Nadine Shah: la musulmana di seconda generazione che coi pregiudizi ci fa dei gran riff.
Una constatazione amara, prima di cominciare: non è un bel momento per le voci femminili. Una dichiarazione forte, lo so, in presenza del Natale, quando è ovvio e incontrovertibile che esista solo Mariah Carey.
Voci femminili ce ne sono; ma sono vocine. Tutte dolenti emule di Enya. Tutte flebili e sensibilone. Mancano le vocione. Quelle cartavetrate, ubriache, profonde.
Quelle che in studio non subiscono il trattamento lucidante dell’autotune. Per questo e altri motivi, quando ho sentito di nuovo la voce di Nadine Shah, mi sono cosparsa di luce.
Cantautrice inglese con madre norvegese e papà pakistano, Nadine Shah dal 2012 ha sfornato due Ep e tre album. L’ultimo, Holiday Destination, è già dalla copertina, una ferita aperta.

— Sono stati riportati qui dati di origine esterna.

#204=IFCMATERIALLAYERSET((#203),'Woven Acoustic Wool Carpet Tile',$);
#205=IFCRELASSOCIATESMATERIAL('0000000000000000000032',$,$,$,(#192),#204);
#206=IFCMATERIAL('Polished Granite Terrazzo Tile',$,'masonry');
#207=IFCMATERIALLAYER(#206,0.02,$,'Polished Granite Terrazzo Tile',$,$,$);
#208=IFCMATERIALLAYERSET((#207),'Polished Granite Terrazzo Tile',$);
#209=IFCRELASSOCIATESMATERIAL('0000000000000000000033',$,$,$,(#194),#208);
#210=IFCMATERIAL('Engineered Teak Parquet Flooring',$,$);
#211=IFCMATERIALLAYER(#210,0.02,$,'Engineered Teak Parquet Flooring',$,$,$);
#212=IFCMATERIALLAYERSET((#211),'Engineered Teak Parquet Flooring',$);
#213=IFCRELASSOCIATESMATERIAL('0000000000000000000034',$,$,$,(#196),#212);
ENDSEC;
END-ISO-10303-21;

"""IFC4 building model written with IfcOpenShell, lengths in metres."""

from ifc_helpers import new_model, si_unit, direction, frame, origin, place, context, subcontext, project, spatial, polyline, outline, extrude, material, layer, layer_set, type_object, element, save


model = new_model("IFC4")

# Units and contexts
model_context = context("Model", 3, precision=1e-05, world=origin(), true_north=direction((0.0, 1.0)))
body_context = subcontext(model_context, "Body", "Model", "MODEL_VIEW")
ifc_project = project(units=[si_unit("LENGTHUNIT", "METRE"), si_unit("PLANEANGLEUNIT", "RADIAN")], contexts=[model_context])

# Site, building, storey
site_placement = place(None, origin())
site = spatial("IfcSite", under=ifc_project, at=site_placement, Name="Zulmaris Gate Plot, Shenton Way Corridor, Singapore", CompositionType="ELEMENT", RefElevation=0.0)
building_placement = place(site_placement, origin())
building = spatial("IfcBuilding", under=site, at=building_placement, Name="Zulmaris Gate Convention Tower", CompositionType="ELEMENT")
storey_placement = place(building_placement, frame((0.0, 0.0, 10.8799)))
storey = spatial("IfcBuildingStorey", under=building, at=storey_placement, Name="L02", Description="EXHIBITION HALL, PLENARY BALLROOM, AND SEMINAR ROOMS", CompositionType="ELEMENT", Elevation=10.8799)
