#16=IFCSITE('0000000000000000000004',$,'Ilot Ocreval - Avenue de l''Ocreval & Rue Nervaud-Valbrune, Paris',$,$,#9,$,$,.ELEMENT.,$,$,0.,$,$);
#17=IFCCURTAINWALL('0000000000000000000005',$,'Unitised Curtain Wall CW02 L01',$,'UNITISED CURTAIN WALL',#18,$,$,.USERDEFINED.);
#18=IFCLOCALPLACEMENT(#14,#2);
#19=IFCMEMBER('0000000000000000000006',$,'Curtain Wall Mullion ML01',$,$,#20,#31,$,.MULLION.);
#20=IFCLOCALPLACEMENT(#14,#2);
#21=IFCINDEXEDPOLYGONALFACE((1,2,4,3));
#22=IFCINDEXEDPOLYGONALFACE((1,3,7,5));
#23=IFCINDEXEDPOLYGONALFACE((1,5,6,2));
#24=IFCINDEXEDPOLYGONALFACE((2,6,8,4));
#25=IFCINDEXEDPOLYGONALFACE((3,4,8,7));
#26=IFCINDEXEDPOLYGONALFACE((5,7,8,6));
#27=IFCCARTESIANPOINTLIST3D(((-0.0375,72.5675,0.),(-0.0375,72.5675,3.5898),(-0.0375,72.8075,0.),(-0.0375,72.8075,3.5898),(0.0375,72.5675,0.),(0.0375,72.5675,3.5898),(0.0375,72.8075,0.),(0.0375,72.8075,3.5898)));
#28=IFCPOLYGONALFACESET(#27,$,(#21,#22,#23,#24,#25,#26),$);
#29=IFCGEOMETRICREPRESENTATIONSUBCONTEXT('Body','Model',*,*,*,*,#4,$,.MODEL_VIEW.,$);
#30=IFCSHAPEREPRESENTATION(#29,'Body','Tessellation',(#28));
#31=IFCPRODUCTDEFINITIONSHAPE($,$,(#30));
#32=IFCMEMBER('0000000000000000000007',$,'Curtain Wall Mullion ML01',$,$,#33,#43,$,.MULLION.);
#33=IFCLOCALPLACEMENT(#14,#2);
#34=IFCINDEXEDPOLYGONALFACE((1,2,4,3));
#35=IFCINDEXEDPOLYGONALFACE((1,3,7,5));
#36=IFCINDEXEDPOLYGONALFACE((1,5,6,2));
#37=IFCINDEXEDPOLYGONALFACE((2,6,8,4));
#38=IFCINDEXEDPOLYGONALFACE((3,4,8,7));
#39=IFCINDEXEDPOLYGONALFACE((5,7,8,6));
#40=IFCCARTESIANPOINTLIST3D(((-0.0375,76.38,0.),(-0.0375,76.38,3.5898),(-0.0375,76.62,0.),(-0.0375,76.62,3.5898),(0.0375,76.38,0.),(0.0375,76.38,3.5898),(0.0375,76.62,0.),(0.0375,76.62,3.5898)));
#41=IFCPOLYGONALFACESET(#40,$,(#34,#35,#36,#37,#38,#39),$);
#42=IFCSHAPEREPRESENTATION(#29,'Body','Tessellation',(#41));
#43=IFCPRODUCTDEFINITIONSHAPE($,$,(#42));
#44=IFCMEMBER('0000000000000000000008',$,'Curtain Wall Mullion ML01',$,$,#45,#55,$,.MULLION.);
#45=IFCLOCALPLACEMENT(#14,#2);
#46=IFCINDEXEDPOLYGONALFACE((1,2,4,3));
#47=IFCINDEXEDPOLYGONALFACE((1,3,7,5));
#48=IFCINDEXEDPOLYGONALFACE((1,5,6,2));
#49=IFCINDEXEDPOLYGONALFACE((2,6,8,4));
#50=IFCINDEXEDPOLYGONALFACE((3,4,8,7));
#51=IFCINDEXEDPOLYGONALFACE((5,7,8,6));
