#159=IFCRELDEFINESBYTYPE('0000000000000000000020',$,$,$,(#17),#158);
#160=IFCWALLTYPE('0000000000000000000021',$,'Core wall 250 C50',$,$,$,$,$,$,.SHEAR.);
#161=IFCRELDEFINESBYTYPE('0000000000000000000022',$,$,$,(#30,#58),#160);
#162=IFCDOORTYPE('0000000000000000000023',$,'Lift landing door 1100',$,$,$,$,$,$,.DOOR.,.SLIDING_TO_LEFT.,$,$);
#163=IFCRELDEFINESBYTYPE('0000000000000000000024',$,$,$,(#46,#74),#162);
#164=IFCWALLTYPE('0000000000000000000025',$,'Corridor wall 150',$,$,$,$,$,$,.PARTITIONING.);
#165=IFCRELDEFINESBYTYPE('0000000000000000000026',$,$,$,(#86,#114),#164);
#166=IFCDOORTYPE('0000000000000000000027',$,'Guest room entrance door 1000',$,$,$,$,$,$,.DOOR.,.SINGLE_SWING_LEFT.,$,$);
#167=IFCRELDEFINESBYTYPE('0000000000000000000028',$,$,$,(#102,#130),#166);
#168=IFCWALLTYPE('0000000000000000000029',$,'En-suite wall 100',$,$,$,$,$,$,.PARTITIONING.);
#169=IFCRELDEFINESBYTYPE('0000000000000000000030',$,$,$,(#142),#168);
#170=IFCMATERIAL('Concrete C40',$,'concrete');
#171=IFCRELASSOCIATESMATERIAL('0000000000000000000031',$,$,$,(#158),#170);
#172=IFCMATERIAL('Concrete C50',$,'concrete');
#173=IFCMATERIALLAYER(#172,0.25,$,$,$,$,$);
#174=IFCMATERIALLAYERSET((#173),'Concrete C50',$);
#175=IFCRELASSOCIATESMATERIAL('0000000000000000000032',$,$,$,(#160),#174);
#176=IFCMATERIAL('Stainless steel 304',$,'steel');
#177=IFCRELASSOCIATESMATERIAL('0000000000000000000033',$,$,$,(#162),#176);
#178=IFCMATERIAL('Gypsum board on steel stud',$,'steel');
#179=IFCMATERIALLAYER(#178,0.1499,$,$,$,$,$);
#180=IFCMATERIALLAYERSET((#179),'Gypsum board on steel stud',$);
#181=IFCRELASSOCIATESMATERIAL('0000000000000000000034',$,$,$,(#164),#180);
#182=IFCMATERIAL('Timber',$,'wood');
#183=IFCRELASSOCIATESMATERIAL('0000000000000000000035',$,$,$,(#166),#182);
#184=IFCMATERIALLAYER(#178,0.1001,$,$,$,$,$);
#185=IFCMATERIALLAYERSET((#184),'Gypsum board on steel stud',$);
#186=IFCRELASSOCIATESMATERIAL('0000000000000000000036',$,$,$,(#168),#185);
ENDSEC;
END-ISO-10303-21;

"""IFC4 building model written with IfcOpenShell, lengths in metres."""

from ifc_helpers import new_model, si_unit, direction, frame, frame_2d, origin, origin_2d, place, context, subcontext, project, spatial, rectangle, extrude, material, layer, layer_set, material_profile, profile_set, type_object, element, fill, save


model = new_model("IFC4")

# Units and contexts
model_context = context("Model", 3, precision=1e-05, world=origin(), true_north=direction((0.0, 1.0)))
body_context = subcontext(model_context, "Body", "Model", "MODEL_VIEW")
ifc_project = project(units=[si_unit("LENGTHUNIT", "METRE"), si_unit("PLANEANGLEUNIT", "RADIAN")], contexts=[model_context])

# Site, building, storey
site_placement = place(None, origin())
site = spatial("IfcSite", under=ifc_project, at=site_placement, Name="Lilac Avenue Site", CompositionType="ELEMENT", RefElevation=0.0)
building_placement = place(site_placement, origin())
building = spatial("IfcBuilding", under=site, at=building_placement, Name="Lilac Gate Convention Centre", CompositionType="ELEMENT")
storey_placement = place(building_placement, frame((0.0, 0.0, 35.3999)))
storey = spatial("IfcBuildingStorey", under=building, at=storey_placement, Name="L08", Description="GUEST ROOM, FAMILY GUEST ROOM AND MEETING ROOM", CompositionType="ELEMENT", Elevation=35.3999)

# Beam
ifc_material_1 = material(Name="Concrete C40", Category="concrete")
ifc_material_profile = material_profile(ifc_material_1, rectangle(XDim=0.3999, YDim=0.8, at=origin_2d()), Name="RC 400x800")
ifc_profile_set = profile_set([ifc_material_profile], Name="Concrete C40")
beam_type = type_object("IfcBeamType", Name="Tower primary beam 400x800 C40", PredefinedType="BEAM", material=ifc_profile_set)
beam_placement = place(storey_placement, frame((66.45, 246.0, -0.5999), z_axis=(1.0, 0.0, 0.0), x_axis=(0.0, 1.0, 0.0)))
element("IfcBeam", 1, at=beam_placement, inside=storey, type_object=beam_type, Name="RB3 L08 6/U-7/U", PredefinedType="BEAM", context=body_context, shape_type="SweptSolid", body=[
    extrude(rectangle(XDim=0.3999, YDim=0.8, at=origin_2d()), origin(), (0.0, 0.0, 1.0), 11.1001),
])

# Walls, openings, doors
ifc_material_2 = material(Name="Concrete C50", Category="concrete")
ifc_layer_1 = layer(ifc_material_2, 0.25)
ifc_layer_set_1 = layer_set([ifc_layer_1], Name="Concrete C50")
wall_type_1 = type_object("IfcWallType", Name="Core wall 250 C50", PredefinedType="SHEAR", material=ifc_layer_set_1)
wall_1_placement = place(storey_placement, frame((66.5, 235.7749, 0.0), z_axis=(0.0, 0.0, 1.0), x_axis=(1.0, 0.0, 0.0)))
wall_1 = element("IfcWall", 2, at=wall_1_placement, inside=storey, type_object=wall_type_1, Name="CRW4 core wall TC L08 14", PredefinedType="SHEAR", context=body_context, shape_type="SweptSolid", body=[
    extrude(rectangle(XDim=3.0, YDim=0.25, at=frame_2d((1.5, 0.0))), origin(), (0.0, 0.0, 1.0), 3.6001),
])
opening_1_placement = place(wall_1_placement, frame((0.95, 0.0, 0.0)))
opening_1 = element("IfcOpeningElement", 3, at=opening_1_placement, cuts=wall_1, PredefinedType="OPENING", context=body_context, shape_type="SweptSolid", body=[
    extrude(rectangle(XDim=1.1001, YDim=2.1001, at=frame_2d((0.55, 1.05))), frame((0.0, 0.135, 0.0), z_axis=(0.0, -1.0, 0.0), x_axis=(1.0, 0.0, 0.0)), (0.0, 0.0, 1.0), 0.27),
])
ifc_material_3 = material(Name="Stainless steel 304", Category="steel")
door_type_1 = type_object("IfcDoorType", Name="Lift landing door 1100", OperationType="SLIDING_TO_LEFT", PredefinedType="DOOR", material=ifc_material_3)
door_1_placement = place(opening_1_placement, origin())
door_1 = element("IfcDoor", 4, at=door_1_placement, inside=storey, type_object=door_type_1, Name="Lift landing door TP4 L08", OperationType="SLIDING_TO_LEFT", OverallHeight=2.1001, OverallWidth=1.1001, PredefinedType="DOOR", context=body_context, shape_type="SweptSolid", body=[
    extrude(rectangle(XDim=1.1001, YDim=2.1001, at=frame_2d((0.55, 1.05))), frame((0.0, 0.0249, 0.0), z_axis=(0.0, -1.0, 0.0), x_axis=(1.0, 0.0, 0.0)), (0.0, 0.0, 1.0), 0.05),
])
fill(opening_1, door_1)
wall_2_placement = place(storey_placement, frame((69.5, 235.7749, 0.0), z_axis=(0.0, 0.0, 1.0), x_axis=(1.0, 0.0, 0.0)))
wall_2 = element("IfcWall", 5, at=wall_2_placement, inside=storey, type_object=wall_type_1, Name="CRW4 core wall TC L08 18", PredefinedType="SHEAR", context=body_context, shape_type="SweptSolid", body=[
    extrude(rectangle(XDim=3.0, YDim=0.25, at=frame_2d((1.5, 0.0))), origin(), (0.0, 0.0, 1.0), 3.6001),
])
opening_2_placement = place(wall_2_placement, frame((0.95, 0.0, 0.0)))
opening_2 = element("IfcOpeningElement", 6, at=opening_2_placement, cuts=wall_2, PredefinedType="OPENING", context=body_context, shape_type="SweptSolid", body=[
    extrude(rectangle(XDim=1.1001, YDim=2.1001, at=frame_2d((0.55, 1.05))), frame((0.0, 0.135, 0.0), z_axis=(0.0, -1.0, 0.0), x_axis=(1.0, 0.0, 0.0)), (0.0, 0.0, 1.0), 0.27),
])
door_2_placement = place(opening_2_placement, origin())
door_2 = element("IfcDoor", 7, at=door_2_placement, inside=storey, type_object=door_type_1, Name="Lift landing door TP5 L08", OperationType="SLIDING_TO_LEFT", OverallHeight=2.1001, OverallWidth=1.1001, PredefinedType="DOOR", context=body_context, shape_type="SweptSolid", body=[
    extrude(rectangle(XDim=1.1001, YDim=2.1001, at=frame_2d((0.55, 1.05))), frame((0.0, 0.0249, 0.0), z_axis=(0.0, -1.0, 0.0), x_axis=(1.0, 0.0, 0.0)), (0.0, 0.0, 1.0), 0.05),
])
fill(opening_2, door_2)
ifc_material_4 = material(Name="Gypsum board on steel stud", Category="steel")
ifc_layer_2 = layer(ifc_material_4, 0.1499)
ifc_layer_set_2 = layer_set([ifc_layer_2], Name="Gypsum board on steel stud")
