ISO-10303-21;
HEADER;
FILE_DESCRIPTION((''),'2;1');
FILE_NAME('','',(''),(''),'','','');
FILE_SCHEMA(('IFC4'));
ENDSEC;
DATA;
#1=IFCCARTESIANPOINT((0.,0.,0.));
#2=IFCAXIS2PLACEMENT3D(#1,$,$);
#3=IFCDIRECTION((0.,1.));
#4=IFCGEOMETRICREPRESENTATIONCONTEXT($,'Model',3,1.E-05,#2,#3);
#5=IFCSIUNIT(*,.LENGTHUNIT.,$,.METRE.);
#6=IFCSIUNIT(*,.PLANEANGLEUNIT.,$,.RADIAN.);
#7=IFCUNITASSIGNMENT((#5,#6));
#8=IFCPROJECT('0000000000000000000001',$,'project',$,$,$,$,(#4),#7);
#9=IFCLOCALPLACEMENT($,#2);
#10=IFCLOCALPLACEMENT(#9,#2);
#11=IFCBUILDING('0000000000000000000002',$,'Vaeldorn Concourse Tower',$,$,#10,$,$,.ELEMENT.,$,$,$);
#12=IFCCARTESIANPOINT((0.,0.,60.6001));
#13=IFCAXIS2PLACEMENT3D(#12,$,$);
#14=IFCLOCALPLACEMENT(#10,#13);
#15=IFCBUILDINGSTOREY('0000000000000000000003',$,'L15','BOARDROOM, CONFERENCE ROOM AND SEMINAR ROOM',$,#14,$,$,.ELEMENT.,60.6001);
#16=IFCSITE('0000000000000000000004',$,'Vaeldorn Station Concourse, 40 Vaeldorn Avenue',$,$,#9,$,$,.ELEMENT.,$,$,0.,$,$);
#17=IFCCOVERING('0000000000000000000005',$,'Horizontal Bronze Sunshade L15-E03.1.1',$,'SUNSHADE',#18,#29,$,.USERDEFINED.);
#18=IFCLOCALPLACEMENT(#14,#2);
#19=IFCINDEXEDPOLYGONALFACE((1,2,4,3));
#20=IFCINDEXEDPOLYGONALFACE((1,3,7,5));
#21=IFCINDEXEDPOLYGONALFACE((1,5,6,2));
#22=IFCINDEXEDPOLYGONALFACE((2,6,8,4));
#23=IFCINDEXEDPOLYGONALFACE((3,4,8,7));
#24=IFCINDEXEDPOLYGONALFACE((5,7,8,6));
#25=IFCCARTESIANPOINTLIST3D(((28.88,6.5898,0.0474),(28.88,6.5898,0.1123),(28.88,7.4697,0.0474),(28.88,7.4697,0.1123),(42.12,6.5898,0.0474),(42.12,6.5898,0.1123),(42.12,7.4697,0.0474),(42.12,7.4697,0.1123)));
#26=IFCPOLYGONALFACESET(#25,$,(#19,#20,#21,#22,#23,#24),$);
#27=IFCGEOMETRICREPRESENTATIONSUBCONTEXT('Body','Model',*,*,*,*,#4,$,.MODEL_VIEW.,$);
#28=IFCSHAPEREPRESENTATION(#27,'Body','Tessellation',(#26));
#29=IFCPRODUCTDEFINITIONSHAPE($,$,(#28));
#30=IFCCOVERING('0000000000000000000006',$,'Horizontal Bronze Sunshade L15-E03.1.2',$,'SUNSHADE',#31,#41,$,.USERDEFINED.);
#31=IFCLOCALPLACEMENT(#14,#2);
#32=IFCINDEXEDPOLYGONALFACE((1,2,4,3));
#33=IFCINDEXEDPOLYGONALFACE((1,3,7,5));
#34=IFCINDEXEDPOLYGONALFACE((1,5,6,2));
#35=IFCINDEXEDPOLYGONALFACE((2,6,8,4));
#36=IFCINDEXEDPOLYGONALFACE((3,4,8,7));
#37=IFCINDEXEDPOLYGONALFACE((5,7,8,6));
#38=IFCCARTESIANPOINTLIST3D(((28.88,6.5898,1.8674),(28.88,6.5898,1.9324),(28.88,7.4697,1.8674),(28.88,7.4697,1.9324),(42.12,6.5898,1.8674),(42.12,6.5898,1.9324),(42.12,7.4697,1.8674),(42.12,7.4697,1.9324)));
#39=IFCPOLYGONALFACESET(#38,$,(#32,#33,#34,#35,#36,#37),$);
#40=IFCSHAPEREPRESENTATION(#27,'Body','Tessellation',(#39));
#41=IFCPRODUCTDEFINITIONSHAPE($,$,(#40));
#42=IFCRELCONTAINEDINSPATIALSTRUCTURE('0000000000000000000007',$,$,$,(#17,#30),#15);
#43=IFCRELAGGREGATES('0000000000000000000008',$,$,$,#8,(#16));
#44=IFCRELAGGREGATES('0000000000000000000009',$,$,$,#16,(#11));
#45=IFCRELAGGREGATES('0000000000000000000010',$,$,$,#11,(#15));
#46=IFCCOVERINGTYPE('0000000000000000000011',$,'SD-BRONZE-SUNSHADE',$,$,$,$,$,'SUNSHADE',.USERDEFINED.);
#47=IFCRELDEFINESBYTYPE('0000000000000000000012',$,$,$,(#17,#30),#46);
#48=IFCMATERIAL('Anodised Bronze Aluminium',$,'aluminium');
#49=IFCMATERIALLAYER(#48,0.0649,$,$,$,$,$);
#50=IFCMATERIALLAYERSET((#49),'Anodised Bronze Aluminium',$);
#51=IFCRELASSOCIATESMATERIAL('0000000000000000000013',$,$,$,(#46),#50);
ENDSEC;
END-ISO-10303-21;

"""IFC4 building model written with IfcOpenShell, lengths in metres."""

from ifc_helpers import new_model, si_unit, direction, frame, origin, origin_2d, place, context, subcontext, project, spatial, rectangle, extrude, source, transform, mapped, material, layer, layer_set, type_object, element, save


model = new_model("IFC4")

# Units and contexts
model_context = context("Model", 3, precision=1e-05, world=origin(), true_north=direction((0.0, 1.0)))
body_context = subcontext(model_context, "Body", "Model", "MODEL_VIEW")
ifc_project = project(units=[si_unit("LENGTHUNIT", "METRE"), si_unit("PLANEANGLEUNIT", "RADIAN")], contexts=[model_context])

# Site, building, storey
site_placement = place(None, origin())
site = spatial("IfcSite", under=ifc_project, at=site_placement, Name="Vaeldorn Station Concourse, 40 Vaeldorn Avenue", CompositionType="ELEMENT", RefElevation=0.0)
building_placement = place(site_placement, origin())
building = spatial("IfcBuilding", under=site, at=building_placement, Name="Vaeldorn Concourse Tower", CompositionType="ELEMENT")
storey_placement = place(building_placement, frame((0.0, 0.0, 60.6001)))
storey = spatial("IfcBuildingStorey", under=building, at=storey_placement, Name="L15", Description="BOARDROOM, CONFERENCE ROOM AND SEMINAR ROOM", CompositionType="ELEMENT", Elevation=60.6001)

# Shared definitions
ifc_material_1 = material(Name="Anodised Bronze Aluminium", Category="aluminium")

# Coverings
ifc_layer_1 = layer(ifc_material_1, 0.0649)
ifc_layer_set_1 = layer_set([ifc_layer_1], Name="Anodised Bronze Aluminium")
covering_type = type_object("IfcCoveringType", Name="SD-BRONZE-SUNSHADE", ElementType="SUNSHADE", PredefinedType="USERDEFINED", material=ifc_layer_set_1)
shared_shape_1 = source(origin(), body_context, "Body", "SweptSolid", [
    extrude(rectangle(XDim=13.24, YDim=0.8799, at=origin_2d()), origin(), (0.0, 0.0, 1.0), 0.0649),
])
for number, where, z_axis, x_axis, name in (
    (1, (35.5, 7.0298, 0.0474), (0.0, 0.0, 1.0), (1.0, 0.0, 0.0), "Horizontal Bronze Sunshade L15-E03.1.1"),
    (2, (35.5, 7.0298, 1.8674), (0.0, 0.0, 1.0), (1.0, 0.0, 0.0), "Horizontal Bronze Sunshade L15-E03.1.2"),
):
    element("IfcCovering", number, at=place(storey_placement, frame(where, z_axis=z_axis, x_axis=x_axis)), inside=storey, type_object=covering_type, Name=name, ObjectType="SUNSHADE", PredefinedType="USERDEFINED", context=body_context, shape_type="MappedRepresentation", body=[
        mapped(shared_shape_1, transform((0.0, 0.0, 0.0), scale=1.0)),
    ])

save(model, "model.ifc")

Nadine è una musulmana di seconda generazione, residente nel nord dell’Inghilterra: la categoria di riferimento per chi ama riunire in un sol gruppo quelli che si fanno esplodere o che stendono gente a caso nelle piazze, a bordo di camionette o fuoristrada. Ed è questa sua appartenenza, con tutti i pregiudizi che ne conseguono, la materia grigia dei suoi testi.
Il tutto incorniciato da pezzi carichi di post-punk/industrial, mirabilmente governati da Ben Hiller, l’uomo al comando dell’indie-rock inglese, che con la cupezza si paga il mutuo da almeno un decennio (Elbow, The Horrors, Editors, Doves, ma soprattutto Depeche Mode).
La speranza è che, nel dicembre del 2018, ci si ritrovi qui a celebrare la grande annata di Nadine, e il suo definitivo sdoganamento.
Basta però che non la chiamiate “Cantantessa”.